Generalized "Square roots of Not" matrices, their application to the unveiling of hidden logical operators and to the definition of fully matrix circular Euler functions

TL;DR

This paper generalizes the square root of the logical Not operator to matrices of arbitrary size, explores their applications in quantum and classical logic, and develops matrix-based Euler functions and circular functions.

Contribution

It introduces a general matrix form of the square root of Not, extending quantum logic operators to broader contexts and deriving matrix Euler and circular functions.

Findings

Derived general expressions for square roots of Not matrices.

Extended Deutsch's algorithm to non-quantum matrix domains.
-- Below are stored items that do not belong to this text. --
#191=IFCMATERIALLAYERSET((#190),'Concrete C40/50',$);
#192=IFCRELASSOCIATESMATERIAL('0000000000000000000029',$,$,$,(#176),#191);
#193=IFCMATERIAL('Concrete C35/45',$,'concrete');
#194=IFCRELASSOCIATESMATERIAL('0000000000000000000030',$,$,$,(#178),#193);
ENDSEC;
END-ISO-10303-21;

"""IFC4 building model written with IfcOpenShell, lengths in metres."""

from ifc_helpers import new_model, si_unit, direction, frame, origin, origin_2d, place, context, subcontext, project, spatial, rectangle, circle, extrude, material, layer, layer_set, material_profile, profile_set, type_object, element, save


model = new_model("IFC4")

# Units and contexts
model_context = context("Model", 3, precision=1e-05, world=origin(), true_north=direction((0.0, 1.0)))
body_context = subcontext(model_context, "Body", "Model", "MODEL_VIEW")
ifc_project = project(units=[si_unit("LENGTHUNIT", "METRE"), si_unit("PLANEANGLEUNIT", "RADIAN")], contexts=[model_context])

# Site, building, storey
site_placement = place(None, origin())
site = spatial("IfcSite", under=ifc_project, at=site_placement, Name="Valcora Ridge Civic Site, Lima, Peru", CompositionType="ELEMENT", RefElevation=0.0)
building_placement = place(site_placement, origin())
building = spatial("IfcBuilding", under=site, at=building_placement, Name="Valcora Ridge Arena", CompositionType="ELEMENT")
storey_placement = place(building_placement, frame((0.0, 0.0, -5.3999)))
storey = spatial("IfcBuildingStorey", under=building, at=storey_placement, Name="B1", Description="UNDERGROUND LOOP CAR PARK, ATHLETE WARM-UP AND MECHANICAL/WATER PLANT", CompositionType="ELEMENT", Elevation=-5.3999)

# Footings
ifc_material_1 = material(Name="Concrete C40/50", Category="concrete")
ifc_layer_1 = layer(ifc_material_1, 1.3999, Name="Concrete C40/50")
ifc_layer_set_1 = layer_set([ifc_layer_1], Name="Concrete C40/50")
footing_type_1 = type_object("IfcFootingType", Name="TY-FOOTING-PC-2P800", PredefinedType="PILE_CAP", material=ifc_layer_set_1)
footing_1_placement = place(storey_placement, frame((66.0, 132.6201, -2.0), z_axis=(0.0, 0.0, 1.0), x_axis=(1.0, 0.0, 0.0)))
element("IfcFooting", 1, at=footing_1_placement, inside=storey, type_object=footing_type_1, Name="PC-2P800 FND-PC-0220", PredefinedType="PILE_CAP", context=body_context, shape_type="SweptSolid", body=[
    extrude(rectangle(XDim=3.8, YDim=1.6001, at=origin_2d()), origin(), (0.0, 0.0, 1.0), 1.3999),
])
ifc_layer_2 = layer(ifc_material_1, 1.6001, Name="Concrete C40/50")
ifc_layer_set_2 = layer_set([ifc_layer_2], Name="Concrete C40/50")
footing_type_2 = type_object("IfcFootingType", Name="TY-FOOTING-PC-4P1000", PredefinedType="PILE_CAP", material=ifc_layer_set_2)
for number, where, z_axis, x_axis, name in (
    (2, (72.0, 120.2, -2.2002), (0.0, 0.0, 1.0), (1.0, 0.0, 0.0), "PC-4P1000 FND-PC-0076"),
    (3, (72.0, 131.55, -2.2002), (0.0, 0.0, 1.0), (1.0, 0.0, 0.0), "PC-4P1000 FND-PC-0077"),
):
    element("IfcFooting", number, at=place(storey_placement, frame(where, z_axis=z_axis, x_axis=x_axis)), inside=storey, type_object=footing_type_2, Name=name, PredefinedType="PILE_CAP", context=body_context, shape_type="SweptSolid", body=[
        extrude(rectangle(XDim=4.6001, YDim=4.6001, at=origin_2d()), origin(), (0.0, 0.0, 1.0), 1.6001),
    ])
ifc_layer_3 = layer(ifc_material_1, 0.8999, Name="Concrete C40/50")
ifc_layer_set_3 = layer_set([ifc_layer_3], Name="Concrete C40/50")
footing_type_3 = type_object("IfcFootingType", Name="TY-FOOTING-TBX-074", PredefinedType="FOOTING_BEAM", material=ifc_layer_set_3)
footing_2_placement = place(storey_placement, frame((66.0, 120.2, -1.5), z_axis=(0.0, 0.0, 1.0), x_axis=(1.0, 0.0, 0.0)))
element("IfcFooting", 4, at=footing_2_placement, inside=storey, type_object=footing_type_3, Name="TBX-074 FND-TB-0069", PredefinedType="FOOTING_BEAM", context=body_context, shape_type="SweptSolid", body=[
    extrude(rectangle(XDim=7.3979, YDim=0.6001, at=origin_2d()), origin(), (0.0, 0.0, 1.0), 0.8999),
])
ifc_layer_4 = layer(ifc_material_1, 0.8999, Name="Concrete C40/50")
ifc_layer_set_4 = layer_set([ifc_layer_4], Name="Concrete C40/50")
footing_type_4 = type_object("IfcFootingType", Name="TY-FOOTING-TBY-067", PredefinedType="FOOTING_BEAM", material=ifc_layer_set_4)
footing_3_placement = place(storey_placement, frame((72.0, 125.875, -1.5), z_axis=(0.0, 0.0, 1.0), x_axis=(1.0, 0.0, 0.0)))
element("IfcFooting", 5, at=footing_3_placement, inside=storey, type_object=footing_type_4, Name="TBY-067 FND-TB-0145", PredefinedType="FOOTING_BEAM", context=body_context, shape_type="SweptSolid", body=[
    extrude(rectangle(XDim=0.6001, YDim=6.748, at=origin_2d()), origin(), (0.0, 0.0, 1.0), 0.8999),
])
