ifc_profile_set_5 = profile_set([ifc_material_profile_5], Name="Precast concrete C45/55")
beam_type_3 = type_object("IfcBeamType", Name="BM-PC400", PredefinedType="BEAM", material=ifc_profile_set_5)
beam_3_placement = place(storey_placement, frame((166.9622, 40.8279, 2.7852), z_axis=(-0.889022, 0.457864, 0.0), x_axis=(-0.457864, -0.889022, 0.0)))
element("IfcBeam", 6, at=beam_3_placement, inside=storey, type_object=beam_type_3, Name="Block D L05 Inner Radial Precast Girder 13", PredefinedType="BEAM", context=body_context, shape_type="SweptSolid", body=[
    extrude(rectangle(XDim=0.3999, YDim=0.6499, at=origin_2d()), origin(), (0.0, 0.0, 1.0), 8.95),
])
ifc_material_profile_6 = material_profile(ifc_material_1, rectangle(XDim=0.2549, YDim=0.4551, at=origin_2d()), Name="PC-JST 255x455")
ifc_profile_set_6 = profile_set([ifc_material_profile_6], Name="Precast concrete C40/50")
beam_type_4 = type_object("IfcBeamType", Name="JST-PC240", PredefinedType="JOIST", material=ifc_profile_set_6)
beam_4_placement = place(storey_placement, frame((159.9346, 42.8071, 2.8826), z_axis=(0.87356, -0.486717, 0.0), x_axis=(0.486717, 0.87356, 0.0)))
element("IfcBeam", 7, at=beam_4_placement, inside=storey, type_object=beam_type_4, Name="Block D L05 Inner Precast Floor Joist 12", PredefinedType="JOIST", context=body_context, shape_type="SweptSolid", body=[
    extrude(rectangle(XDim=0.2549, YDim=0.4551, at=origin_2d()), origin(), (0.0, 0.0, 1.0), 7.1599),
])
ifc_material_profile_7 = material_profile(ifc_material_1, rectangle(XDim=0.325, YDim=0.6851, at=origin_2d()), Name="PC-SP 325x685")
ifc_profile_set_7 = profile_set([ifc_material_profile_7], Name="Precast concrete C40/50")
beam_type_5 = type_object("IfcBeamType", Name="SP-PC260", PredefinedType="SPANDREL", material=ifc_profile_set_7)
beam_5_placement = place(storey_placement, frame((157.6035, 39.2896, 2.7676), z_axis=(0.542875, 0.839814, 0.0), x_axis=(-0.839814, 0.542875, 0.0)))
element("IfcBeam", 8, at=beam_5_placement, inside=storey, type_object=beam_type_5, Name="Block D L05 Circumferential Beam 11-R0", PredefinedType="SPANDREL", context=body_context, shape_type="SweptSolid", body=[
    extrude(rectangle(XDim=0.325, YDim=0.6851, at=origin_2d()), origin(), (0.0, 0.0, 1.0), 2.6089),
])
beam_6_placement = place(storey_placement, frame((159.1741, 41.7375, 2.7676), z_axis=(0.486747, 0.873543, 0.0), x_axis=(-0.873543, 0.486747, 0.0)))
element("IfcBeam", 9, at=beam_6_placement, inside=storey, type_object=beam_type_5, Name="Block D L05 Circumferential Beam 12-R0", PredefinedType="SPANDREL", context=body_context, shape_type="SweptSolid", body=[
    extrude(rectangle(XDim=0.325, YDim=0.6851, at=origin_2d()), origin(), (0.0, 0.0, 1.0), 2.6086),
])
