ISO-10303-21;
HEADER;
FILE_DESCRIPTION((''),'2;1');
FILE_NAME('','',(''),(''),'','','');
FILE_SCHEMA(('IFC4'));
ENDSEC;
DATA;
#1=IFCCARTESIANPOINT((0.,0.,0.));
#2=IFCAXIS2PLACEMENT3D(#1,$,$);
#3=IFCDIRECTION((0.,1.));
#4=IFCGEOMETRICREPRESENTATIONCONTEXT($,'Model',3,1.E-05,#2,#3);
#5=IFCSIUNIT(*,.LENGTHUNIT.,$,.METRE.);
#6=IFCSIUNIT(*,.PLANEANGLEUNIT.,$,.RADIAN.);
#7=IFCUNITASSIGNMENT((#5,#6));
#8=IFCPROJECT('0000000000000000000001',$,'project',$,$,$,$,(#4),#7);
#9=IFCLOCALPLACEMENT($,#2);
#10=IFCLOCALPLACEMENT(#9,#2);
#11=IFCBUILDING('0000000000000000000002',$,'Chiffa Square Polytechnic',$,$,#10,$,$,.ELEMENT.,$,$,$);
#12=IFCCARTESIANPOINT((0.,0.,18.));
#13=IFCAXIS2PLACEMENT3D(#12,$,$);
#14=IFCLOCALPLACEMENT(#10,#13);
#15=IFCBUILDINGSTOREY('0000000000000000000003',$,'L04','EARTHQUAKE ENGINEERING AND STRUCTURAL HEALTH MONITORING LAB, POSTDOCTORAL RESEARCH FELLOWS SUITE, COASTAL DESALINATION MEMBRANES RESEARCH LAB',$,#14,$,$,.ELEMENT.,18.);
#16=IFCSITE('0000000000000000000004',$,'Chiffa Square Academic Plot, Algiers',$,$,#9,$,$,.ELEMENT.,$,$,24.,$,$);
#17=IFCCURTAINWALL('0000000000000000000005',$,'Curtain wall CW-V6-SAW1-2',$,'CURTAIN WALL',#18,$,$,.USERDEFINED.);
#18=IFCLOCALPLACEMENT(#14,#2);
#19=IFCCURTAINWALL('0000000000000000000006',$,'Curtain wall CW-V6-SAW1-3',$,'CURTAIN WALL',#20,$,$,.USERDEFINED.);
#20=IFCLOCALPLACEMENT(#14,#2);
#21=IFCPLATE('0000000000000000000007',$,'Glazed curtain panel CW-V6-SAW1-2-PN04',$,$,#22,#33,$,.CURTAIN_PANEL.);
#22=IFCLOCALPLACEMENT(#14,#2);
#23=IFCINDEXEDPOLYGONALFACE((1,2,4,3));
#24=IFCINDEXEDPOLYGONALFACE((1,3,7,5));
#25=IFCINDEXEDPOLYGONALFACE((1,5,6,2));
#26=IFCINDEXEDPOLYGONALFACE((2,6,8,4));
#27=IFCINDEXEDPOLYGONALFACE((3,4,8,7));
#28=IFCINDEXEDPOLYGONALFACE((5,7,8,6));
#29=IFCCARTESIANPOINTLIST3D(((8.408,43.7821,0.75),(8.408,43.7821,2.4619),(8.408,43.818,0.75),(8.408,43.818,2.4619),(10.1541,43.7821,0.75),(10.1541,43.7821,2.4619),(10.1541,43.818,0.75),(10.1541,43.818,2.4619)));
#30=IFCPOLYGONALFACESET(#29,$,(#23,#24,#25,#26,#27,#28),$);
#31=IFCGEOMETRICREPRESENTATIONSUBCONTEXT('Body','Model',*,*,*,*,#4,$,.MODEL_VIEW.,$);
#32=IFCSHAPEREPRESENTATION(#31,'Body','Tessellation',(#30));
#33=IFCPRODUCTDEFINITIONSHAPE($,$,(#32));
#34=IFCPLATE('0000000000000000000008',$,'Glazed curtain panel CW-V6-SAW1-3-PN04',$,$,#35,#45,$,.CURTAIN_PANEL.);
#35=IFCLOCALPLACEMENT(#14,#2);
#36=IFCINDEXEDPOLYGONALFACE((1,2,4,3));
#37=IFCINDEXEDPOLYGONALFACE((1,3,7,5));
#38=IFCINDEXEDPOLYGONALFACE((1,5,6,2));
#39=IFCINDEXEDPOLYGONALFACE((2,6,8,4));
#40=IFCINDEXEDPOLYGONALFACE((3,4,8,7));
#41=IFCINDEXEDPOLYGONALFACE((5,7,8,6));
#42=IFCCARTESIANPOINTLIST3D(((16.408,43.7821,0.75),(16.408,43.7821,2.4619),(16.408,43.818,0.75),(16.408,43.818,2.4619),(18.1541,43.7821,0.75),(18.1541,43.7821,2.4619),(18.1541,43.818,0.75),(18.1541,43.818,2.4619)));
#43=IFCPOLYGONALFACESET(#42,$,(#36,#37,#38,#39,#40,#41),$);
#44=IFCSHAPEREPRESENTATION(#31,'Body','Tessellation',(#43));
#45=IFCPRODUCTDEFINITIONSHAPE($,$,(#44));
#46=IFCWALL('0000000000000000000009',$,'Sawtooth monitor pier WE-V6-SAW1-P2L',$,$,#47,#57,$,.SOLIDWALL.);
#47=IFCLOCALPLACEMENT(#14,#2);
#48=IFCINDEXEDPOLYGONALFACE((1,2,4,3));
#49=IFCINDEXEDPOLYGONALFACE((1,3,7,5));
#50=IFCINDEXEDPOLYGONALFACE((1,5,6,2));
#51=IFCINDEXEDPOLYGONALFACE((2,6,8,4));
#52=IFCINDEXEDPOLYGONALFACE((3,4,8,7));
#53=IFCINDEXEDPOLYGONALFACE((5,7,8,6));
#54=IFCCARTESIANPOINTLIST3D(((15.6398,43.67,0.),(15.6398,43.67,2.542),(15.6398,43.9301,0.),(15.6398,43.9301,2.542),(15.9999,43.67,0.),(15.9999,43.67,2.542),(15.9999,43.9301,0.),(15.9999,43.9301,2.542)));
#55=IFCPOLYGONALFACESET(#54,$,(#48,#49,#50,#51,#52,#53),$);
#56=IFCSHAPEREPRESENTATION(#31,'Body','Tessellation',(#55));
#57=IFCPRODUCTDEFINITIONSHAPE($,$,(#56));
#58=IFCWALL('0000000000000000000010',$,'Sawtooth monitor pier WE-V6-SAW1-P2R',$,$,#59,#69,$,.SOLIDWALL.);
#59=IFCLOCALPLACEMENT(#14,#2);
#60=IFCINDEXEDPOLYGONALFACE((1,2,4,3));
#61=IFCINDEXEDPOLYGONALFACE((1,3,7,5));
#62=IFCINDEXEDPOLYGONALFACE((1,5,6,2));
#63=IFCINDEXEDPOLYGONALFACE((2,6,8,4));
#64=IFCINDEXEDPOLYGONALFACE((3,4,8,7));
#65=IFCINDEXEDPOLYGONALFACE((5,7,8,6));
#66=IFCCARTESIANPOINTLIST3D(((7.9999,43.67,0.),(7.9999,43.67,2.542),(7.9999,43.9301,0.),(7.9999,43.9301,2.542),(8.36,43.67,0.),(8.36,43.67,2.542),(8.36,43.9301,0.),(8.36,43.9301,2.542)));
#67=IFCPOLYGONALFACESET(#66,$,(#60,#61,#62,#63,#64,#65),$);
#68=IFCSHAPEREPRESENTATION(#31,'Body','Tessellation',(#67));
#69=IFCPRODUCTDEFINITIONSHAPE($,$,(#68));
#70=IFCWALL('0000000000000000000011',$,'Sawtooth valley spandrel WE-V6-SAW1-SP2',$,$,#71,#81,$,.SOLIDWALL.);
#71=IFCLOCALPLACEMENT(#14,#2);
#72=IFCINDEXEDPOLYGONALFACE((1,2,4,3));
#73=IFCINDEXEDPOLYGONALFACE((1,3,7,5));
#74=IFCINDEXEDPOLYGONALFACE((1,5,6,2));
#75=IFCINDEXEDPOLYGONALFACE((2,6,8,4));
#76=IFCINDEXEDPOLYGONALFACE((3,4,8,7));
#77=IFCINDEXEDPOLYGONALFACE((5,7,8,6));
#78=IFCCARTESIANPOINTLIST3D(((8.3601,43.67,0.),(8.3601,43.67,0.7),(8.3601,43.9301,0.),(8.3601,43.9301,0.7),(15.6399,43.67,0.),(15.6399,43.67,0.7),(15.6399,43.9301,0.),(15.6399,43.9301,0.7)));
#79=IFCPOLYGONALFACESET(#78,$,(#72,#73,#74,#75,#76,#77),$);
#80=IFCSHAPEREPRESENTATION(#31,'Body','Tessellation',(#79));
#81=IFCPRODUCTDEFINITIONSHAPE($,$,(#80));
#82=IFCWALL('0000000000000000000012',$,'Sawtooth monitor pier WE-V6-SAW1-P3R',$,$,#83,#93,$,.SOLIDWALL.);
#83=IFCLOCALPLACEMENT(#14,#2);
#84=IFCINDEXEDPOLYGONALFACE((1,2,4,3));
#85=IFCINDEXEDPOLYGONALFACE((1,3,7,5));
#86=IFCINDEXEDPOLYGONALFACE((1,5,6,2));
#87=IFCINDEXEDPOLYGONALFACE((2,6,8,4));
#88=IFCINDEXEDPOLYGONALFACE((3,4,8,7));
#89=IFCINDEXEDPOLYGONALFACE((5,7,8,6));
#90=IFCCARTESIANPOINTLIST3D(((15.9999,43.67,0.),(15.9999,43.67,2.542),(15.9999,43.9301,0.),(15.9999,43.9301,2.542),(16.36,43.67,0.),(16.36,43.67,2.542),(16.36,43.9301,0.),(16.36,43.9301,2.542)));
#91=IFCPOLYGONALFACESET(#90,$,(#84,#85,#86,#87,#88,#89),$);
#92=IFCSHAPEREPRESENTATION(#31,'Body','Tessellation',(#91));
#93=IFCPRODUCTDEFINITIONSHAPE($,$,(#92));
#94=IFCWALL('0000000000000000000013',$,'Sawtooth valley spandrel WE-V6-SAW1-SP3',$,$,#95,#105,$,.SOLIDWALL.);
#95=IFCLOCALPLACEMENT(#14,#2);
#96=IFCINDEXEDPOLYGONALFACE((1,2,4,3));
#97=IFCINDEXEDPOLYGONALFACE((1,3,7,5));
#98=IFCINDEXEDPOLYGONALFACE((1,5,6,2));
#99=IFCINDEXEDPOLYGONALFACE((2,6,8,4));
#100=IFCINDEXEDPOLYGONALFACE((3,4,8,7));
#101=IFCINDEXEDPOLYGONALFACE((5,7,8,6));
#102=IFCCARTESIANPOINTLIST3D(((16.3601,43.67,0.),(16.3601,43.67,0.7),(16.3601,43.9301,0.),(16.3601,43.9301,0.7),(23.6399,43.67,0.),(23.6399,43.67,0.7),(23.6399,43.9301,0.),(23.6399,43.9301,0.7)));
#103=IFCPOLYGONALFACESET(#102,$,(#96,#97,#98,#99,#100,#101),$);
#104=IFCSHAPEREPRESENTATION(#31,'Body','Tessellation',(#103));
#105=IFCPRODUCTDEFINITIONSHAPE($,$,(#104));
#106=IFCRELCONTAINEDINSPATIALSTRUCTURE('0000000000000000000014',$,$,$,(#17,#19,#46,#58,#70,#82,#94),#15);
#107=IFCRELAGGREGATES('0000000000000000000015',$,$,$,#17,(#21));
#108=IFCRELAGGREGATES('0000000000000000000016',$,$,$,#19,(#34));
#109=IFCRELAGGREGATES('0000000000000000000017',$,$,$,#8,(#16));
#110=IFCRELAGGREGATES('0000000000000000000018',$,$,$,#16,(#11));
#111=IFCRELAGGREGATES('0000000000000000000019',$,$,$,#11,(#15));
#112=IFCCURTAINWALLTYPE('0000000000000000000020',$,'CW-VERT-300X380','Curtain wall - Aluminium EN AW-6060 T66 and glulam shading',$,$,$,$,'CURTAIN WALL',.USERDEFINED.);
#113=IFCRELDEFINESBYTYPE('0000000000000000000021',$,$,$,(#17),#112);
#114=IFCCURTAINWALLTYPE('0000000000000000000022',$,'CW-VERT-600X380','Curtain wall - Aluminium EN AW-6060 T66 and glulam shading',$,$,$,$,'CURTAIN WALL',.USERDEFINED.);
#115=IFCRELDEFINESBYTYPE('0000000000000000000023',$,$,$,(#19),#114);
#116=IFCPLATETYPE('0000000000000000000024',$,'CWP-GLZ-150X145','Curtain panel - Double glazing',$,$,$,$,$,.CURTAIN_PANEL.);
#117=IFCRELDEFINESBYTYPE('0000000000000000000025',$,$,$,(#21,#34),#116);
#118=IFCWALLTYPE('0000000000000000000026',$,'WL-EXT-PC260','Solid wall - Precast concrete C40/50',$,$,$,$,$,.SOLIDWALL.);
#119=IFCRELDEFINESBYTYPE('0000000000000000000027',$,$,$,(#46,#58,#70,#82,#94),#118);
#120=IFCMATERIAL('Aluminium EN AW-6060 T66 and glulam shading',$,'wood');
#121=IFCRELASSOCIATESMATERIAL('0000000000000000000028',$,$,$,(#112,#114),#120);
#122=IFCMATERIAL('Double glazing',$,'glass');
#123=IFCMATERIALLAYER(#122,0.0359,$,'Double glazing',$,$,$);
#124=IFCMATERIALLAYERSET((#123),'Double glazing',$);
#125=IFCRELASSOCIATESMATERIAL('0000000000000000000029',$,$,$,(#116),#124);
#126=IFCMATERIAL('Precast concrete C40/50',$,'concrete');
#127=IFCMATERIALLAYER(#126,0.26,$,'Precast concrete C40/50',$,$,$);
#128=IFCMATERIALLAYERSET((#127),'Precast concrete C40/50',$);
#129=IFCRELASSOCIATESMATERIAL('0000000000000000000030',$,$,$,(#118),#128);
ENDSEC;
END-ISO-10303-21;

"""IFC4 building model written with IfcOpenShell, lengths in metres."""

from ifc_helpers import new_model, si_unit, direction, frame, frame_2d, origin, origin_2d, place, context, subcontext, project, spatial, rectangle, extrude, material, layer, layer_set, type_object, element, aggregate, save


model = new_model("IFC4")

# Units and contexts
model_context = context("Model", 3, precision=1e-05, world=origin(), true_north=direction((0.0, 1.0)))
body_context = subcontext(model_context, "Body", "Model", "MODEL_VIEW")
ifc_project = project(units=[si_unit("LENGTHUNIT", "METRE"), si_unit("PLANEANGLEUNIT", "RADIAN")], contexts=[model_context])

# Site, building, storey
site_placement = place(None, origin())
site = spatial("IfcSite", under=ifc_project, at=site_placement, Name="Chiffa Square Academic Plot, Algiers", CompositionType="ELEMENT", RefElevation=24.0)
building_placement = place(site_placement, origin())
building = spatial("IfcBuilding", under=site, at=building_placement, Name="Chiffa Square Polytechnic", CompositionType="ELEMENT")
storey_placement = place(building_placement, frame((0.0, 0.0, 18.0)))
storey = spatial("IfcBuildingStorey", under=building, at=storey_placement, Name="L04", Description="EARTHQUAKE ENGINEERING AND STRUCTURAL HEALTH MONITORING LAB, POSTDOCTORAL RESEARCH FELLOWS SUITE, COASTAL DESALINATION MEMBRANES RESEARCH LAB", CompositionType="ELEMENT", Elevation=18.0)

# Curtain wall
ifc_material_1 = material(Name="Aluminium EN AW-6060 T66 and glulam shading", Category="wood")
curtain_wall_type_1 = type_object("IfcCurtainWallType", Name="CW-VERT-300X380", Description="Curtain wall - Aluminium EN AW-6060 T66 and glulam shading", ElementType="CURTAIN WALL", PredefinedType="USERDEFINED", material=ifc_material_1)
curtain_wall_1_placement = place(storey_placement, origin())
curtain_wall_1 = element("IfcCurtainWall", 1, at=curtain_wall_1_placement, inside=storey, type_object=curtain_wall_type_1, Name="Curtain wall CW-V6-SAW1-2", ObjectType="CURTAIN WALL", PredefinedType="USERDEFINED")

# Curtain wall
curtain_wall_type_2 = type_object("IfcCurtainWallType", Name="CW-VERT-600X380", Description="Curtain wall - Aluminium EN AW-6060 T66 and glulam shading", ElementType="CURTAIN WALL", PredefinedType="USERDEFINED", material=ifc_material_1)
curtain_wall_2_placement = place(storey_placement, origin())
curtain_wall_2 = element("IfcCurtainWall", 2, at=curtain_wall_2_placement, inside=storey, type_object=curtain_wall_type_2, Name="Curtain wall CW-V6-SAW1-3", ObjectType="CURTAIN WALL", PredefinedType="USERDEFINED")

# Plates
ifc_material_2 = material(Name="Double glazing", Category="glass")
ifc_layer_1 = layer(ifc_material_2, 0.0359, Name="Double glazing")
ifc_layer_set_1 = layer_set([ifc_layer_1], Name="Double glazing")
plate_type = type_object("IfcPlateType", Name="CWP-GLZ-150X145", Description="Curtain panel - Double glazing", PredefinedType="CURTAIN_PANEL", material=ifc_layer_set_1)
plate_1_placement = place(storey_placement, frame((9.281, 43.8, 0.75), z_axis=(0.0, 0.0, 1.0), x_axis=(-1.0, 0.0, 0.0)))
plate_1 = element("IfcPlate", 3, at=plate_1_placement, type_object=plate_type, Name="Glazed curtain panel CW-V6-SAW1-2-PN04", PredefinedType="CURTAIN_PANEL", context=body_context, shape_type="SweptSolid", body=[
    extrude(rectangle(XDim=1.7461, YDim=0.0359, at=origin_2d()), origin(), (0.0, 0.0, 1.0), 1.7119),
])
aggregate(curtain_wall_1, [plate_1])
plate_2_placement = place(storey_placement, frame((17.281, 43.8, 0.75), z_axis=(0.0, 0.0, 1.0), x_axis=(-1.0, 0.0, 0.0)))
plate_2 = element("IfcPlate", 4, at=plate_2_placement, type_object=plate_type, Name="Glazed curtain panel CW-V6-SAW1-3-PN04", PredefinedType="CURTAIN_PANEL", context=body_context, shape_type="SweptSolid", body=[
    extrude(rectangle(XDim=1.7461, YDim=0.0359, at=origin_2d()), origin(), (0.0, 0.0, 1.0), 1.7119),
])
aggregate(curtain_wall_2, [plate_2])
Developed matrix versions of Euler expansions and circular functions.

Abstract

The square root of Not is a logical operator of importance in quantum computing theory and of interest as a mathematical object in its own right. In physics, it is a square complex matrix of dimension 2. In the present work it is a complex square matrix of arbitrary dimension. The introduction of linear algebra into logical theory has been enhanced in recent decades by the researches in the field of neural networks and quantum computing. Here we will make a brief description of the representation of logical operations through matrices and we show how general expressions for the two square roots of the Not operator are obtained. Then, we explore two topics. First, we study an extension to a non-quantum domain of a short form of Deutsch's algorithm. Then, we assume that a root of Not is a matrix extension of the imaginary unit i, and under this idea we obtain fully matrix versions for the Euler expansions and for the representations of circular functions by complex exponentials.